/genDL

Genomic experiments in Deep Learning

Primary LanguageJupyter Notebook

genDL

Genomic experiments in Deep Learning. Our goal is to improve upon classical methods (PWM, WAM, MM) using neural networks.

Directory Structure

  • arch - archive of old stuff, don't modify
  • data - data files and scripts for managing/generating data files
  • docs - tutorial, API
  • gendl - shared libraries (include in PYTHONPATH)
  • nn - neural network experiments
  • pwm - position weight matrix experiments
  • test - unit and functional testing
  • xtra - uncategorized experiments that may find an eventual home elsewhere

Each of the directories above has its own REAMDE.md file that describes its contnents and intents. An overview is given below.

The arch Directory

This is the previous incarnation of genDL in all its former glory.

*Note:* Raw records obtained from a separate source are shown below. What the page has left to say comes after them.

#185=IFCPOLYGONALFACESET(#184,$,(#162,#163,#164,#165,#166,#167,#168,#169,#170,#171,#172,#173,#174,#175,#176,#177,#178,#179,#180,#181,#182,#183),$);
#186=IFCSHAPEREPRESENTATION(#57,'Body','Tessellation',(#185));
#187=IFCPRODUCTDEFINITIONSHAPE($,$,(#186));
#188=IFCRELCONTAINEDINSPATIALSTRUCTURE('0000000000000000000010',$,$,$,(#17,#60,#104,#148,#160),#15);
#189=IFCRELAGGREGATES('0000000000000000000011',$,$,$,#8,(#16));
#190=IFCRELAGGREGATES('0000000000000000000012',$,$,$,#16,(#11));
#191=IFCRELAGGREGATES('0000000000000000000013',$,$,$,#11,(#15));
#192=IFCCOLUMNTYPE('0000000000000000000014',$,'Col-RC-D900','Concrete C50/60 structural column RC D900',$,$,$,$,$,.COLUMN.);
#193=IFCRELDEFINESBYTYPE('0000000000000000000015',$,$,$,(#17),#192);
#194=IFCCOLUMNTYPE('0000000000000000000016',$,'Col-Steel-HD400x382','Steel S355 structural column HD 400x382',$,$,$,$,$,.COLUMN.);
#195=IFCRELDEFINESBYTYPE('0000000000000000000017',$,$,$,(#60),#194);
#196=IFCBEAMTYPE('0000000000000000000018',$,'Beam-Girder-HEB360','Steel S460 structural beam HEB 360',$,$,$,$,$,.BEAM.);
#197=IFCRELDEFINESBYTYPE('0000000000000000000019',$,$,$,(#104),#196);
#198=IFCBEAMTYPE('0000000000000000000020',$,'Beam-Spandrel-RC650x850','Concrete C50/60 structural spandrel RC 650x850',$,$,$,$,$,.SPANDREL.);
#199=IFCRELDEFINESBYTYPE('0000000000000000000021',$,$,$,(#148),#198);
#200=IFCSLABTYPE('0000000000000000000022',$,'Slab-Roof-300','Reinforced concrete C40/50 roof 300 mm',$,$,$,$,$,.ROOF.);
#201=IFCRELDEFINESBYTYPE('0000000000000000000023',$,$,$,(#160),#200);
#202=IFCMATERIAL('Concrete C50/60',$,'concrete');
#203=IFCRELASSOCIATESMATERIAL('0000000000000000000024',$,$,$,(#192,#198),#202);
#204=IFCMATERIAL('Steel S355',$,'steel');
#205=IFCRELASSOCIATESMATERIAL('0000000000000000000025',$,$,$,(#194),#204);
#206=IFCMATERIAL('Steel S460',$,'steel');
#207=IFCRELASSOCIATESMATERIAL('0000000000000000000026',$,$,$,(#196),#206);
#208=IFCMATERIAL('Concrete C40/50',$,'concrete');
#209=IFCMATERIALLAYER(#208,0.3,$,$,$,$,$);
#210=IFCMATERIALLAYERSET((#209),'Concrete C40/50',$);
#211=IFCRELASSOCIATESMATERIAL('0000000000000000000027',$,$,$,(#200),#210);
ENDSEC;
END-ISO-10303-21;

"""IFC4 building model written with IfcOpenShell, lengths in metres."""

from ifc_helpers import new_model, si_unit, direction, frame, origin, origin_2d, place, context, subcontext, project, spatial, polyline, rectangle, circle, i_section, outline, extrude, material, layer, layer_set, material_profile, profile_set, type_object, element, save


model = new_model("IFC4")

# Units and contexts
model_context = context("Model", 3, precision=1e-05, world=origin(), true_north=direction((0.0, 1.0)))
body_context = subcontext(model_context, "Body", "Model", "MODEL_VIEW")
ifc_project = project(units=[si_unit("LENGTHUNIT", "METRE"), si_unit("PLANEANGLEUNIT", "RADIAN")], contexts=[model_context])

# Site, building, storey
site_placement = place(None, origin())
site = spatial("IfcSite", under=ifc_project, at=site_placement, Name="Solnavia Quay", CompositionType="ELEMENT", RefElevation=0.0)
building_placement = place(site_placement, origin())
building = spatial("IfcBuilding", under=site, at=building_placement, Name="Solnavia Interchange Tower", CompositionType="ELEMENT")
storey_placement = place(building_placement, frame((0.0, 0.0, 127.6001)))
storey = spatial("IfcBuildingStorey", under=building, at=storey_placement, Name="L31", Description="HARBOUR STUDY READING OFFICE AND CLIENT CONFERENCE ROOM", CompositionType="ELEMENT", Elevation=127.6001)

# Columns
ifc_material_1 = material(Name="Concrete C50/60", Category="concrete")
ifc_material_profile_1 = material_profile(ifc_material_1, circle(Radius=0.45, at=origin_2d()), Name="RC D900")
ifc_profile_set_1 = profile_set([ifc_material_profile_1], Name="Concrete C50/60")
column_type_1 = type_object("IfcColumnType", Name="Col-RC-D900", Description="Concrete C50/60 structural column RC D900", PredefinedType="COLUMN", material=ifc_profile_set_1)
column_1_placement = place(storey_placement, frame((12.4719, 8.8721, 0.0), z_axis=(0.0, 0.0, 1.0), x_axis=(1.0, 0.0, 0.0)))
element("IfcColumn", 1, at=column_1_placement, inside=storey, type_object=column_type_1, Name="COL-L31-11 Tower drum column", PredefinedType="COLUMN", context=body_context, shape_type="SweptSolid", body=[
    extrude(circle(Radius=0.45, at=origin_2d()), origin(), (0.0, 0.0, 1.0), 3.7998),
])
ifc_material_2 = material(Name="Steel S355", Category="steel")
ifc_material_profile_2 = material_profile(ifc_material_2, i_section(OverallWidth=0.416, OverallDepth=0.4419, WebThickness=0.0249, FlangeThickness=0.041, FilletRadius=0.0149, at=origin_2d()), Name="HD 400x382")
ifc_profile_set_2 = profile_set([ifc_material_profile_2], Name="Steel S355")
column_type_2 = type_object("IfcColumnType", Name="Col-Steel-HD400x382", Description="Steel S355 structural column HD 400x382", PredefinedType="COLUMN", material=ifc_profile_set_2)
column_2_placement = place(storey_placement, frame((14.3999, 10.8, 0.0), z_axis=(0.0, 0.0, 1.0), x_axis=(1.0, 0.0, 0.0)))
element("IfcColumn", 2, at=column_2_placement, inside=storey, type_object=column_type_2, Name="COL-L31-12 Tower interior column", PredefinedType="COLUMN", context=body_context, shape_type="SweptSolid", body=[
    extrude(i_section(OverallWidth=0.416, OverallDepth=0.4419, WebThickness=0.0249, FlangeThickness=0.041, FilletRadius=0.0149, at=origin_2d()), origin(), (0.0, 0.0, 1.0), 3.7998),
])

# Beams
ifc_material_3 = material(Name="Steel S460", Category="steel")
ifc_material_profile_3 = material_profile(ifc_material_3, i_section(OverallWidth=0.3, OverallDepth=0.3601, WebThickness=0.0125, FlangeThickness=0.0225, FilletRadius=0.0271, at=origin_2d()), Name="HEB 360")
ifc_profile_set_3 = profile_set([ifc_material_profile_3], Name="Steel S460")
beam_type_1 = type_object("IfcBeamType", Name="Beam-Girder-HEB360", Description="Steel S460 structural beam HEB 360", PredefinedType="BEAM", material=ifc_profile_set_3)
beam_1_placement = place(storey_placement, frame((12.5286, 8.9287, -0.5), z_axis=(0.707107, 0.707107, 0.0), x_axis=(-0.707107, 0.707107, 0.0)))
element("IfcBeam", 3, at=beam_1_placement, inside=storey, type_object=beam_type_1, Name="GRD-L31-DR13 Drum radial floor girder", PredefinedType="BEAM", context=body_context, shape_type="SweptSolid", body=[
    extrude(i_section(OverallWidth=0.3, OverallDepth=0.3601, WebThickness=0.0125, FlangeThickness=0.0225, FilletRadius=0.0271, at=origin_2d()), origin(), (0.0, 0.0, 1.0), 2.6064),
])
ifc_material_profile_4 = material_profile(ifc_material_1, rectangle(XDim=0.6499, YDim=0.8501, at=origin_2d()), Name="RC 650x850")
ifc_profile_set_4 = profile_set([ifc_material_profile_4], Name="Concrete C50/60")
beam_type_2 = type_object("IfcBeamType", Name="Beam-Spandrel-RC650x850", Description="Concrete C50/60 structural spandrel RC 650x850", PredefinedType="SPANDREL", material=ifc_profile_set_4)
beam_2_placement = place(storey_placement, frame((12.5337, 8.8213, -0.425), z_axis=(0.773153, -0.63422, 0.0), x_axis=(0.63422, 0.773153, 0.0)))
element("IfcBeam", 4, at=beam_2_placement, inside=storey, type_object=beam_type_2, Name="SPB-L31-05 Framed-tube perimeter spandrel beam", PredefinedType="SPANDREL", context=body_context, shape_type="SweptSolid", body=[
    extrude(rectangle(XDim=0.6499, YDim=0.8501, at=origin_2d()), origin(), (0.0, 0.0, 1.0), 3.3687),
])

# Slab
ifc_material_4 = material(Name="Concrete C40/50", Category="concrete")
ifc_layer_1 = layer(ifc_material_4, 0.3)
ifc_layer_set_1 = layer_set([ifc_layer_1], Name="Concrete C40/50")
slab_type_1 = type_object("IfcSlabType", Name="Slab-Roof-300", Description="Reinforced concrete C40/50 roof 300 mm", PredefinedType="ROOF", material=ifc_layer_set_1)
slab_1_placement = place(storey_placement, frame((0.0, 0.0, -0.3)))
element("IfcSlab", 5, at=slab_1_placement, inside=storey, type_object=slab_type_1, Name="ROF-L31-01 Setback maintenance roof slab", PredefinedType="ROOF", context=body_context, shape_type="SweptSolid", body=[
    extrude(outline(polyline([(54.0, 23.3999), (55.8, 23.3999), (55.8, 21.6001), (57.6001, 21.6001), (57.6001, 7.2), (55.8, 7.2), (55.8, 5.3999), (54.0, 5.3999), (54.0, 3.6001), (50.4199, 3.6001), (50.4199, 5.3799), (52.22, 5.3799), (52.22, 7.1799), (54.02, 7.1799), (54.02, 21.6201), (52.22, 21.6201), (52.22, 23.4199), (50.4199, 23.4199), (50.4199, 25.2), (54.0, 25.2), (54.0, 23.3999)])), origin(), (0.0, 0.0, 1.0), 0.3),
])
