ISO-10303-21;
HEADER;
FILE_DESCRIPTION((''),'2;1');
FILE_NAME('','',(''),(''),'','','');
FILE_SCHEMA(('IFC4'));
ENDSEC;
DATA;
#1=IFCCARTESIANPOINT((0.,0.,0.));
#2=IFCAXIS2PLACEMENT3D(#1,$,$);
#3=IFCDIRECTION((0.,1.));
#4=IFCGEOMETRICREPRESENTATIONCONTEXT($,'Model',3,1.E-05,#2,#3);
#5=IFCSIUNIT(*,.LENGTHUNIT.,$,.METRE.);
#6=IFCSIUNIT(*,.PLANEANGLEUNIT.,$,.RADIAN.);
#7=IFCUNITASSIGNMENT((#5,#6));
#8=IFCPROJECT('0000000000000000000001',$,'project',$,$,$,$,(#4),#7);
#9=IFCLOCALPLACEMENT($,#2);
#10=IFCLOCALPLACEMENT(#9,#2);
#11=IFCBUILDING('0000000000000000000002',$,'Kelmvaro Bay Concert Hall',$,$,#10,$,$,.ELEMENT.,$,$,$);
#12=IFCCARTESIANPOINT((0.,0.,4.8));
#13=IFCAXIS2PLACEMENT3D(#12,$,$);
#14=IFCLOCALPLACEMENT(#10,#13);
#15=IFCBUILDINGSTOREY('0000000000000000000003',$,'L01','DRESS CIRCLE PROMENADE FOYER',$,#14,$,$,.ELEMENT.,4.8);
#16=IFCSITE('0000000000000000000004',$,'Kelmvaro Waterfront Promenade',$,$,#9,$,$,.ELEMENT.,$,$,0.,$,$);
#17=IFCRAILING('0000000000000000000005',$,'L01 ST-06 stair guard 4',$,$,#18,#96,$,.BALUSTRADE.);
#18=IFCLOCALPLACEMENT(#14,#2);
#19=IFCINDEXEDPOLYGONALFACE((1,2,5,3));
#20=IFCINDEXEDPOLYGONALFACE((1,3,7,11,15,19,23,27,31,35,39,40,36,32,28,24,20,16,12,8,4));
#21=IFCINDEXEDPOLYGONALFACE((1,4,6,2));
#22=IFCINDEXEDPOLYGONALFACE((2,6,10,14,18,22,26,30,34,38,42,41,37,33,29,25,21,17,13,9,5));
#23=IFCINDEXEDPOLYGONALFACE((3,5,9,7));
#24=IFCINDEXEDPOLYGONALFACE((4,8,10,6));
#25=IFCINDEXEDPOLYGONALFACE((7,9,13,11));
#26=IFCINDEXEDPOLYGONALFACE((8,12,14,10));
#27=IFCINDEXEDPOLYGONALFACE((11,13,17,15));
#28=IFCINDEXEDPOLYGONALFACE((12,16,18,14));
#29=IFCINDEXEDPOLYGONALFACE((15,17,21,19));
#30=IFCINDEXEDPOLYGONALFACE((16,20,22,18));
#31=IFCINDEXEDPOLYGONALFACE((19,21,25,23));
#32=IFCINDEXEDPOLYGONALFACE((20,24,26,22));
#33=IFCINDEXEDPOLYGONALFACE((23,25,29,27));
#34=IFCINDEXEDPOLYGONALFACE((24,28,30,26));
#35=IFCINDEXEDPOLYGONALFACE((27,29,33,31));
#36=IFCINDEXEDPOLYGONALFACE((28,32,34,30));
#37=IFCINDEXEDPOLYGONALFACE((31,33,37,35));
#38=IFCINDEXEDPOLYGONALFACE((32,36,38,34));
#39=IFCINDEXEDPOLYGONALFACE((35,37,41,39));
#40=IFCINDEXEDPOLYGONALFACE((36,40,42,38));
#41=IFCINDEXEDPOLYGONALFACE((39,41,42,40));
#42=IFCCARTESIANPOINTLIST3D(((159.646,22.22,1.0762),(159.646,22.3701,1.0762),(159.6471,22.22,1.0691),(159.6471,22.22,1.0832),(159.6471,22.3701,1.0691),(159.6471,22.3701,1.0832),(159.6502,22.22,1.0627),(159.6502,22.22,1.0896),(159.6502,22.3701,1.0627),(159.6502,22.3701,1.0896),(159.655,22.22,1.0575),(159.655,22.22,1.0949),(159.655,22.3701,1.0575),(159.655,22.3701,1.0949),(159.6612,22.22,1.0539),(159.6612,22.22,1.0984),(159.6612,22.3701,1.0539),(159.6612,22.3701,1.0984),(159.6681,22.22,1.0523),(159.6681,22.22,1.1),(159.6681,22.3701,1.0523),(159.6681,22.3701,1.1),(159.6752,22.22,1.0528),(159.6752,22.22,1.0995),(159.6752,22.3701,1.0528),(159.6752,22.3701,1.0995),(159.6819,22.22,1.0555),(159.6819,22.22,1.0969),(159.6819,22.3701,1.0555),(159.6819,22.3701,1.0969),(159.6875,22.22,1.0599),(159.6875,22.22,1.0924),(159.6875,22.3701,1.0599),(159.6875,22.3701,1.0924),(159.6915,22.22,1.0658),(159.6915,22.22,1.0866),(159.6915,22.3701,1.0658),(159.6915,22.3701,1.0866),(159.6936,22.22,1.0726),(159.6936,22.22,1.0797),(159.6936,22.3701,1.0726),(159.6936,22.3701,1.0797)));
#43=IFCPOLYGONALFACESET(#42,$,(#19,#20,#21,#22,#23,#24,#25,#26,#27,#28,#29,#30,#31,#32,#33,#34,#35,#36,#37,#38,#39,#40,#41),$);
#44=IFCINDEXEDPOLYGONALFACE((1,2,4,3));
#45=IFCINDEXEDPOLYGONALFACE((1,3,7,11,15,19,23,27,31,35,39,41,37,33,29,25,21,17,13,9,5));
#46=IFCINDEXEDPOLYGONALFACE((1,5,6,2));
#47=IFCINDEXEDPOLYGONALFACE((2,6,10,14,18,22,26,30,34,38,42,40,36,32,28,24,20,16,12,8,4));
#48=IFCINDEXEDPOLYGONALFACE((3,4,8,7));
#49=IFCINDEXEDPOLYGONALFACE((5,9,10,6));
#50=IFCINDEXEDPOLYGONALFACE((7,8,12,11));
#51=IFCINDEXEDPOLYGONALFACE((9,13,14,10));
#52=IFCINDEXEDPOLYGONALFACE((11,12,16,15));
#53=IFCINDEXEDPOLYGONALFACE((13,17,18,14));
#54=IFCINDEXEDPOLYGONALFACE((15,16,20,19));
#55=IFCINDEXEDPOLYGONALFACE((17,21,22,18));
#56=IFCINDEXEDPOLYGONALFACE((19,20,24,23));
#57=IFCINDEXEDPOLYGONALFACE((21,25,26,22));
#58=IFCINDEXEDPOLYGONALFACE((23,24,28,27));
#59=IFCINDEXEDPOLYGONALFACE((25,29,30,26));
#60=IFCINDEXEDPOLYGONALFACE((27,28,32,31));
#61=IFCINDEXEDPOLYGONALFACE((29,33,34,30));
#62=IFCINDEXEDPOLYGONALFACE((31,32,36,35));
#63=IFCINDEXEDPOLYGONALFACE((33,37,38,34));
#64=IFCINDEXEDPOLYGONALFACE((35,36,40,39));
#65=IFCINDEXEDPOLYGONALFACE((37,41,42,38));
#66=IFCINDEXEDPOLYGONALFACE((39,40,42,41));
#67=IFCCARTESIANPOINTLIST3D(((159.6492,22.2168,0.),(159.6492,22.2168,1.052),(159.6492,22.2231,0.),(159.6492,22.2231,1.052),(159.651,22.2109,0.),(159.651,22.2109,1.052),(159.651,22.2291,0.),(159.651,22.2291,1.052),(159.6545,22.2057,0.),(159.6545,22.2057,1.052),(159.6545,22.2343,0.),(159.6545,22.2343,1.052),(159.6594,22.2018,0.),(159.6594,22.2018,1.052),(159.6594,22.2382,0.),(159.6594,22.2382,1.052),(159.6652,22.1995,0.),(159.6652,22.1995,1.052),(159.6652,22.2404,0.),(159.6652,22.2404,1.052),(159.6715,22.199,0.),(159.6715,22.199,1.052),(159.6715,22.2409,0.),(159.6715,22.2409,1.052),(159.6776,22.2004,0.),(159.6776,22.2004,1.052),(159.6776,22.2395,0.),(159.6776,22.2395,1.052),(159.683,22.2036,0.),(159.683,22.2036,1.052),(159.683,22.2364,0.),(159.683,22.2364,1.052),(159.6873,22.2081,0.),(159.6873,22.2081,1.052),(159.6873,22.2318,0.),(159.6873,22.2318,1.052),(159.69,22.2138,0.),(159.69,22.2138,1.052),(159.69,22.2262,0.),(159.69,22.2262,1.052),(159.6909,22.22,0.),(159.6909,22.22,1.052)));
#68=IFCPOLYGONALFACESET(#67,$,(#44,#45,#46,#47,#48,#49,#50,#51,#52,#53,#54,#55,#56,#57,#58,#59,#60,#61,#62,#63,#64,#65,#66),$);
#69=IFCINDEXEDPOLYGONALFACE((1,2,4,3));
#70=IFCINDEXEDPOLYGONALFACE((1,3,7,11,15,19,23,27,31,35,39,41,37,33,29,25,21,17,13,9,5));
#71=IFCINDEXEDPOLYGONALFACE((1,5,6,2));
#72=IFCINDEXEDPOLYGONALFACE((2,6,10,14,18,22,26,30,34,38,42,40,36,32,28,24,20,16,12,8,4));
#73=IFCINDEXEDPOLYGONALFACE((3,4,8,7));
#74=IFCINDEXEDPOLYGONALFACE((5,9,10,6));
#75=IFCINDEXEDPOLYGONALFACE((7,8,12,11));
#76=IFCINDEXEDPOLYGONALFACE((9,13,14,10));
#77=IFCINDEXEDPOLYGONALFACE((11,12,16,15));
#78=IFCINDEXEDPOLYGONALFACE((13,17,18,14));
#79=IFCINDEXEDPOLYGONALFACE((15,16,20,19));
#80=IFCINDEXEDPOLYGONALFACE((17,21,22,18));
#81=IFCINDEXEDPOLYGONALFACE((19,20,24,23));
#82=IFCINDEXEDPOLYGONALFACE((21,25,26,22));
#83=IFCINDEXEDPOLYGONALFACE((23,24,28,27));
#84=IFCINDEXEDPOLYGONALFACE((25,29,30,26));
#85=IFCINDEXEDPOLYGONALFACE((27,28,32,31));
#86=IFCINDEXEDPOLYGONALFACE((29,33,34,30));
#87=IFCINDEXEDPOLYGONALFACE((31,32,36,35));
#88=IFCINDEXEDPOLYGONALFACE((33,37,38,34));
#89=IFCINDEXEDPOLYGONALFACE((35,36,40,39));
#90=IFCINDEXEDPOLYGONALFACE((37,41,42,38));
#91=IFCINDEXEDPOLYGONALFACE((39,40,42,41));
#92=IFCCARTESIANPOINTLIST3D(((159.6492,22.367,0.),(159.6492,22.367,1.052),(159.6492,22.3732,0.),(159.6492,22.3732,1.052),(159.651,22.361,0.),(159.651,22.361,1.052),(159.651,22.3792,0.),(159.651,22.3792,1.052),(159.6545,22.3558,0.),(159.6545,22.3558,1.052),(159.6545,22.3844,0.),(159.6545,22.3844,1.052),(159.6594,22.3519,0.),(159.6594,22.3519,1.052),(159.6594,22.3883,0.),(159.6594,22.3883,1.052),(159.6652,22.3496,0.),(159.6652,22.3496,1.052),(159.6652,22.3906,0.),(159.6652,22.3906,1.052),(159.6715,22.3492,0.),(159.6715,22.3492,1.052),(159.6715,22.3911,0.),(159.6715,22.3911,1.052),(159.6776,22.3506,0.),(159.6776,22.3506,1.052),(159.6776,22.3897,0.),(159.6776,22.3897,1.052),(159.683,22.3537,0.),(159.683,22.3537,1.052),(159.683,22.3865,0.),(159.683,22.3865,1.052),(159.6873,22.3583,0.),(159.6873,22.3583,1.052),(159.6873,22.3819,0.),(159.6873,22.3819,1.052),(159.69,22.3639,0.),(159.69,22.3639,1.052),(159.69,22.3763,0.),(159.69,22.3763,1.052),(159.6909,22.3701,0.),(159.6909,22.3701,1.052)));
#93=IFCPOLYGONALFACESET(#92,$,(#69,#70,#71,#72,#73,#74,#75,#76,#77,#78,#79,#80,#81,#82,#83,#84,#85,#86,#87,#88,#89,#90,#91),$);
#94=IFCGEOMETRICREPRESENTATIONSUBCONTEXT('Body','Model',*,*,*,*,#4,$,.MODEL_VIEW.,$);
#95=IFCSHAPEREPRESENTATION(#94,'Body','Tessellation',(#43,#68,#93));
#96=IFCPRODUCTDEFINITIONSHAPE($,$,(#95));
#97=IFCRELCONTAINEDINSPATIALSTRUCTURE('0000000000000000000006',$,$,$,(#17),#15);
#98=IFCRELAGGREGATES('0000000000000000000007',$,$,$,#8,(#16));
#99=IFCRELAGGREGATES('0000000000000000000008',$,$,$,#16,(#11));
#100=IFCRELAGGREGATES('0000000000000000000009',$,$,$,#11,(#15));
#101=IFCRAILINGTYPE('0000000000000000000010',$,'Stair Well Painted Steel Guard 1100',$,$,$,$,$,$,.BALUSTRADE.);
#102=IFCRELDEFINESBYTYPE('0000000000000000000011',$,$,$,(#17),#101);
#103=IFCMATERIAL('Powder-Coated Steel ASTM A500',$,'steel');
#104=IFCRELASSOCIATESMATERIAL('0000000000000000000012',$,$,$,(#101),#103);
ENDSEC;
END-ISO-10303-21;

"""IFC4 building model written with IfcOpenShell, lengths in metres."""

from ifc_helpers import new_model, si_unit, direction, frame, origin, origin_2d, place, context, subcontext, project, spatial, circle, extrude, material, type_object, element, save


model = new_model("IFC4")

# Units and contexts
model_context = context("Model", 3, precision=1e-05, world=origin(), true_north=direction((0.0, 1.0)))
body_context = subcontext(model_context, "Body", "Model", "MODEL_VIEW")
ifc_project = project(units=[si_unit("LENGTHUNIT", "METRE"), si_unit("PLANEANGLEUNIT", "RADIAN")], contexts=[model_context])

# Site, building, storey
site_placement = place(None, origin())
site = spatial("IfcSite", under=ifc_project, at=site_placement, Name="Kelmvaro Waterfront Promenade", CompositionType="ELEMENT", RefElevation=0.0)
building_placement = place(site_placement, origin())
building = spatial("IfcBuilding", under=site, at=building_placement, Name="Kelmvaro Bay Concert Hall", CompositionType="ELEMENT")
storey_placement = place(building_placement, frame((0.0, 0.0, 4.8)))
storey = spatial("IfcBuildingStorey", under=building, at=storey_placement, Name="L01", Description="DRESS CIRCLE PROMENADE FOYER", CompositionType="ELEMENT", Elevation=4.8)

# Railing
ifc_material_1 = material(Name="Powder-Coated Steel ASTM A500", Category="steel")
railing_type_1 = type_object("IfcRailingType", Name="Stair Well Painted Steel Guard 1100", PredefinedType="BALUSTRADE", material=ifc_material_1)
railing_1_placement = place(storey_placement, frame((159.6699, 22.22, 0.0)))
element("IfcRailing", 1, at=railing_1_placement, inside=storey, type_object=railing_type_1, Name="L01 ST-06 stair guard 4", PredefinedType="BALUSTRADE", context=body_context, shape_type="SweptSolid", body=[
    extrude(circle(Radius=0.0239, at=origin_2d()), frame((0.0, 0.0, 1.0762), z_axis=(0.0, 1.0, 0.0), x_axis=(-1.0, 0.0, 0.0)), (0.0, 0.0, 1.0), 0.1501),
    extrude(circle(Radius=0.021, at=origin_2d()), origin(), (0.0, 0.0, 1.0), 1.052),
    extrude(circle(Radius=0.021, at=origin_2d()), frame((0.0, 0.1501, 0.0)), (0.0, 0.0, 1.0), 1.052),
])

save(model, "model.ifc")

This entire directory will be deleted eventually. Please don't make changes to this directory ever.

The data Directory

If data is used by more than one experiment, place it in the data directory. Scripts used to generate data may also be placed in data. Some data generation procedures are in datacore/project_gendl.

  • splice42 contains 42 bp windows centered on the donor or acceptor site
  • ime50 contains 50 bp windows of A. thaliana introns

The gendl Directory

All shared libraries go in the gendl directory. Don't put shared libraries inside experiment directories. All imports should come from the parent gendl namespace followed by the library name. Here are some examples of how to import gendl libraries.

import gendl.pwm
import gendl.pwm as pwm
from gendl.pwm import make_pwm

If you're editing gendl libraries, don't import obscure libraries or libraries with large dependancies.

Experiment Directories

Experiment directories contain a mixture of code, data, and maybe figures or other files. Each type of experiment may have several flavors. For example, you will find pwm/strawman and pwm/wam. Each sub-experiment should have its own README.md to describe its contents and intents.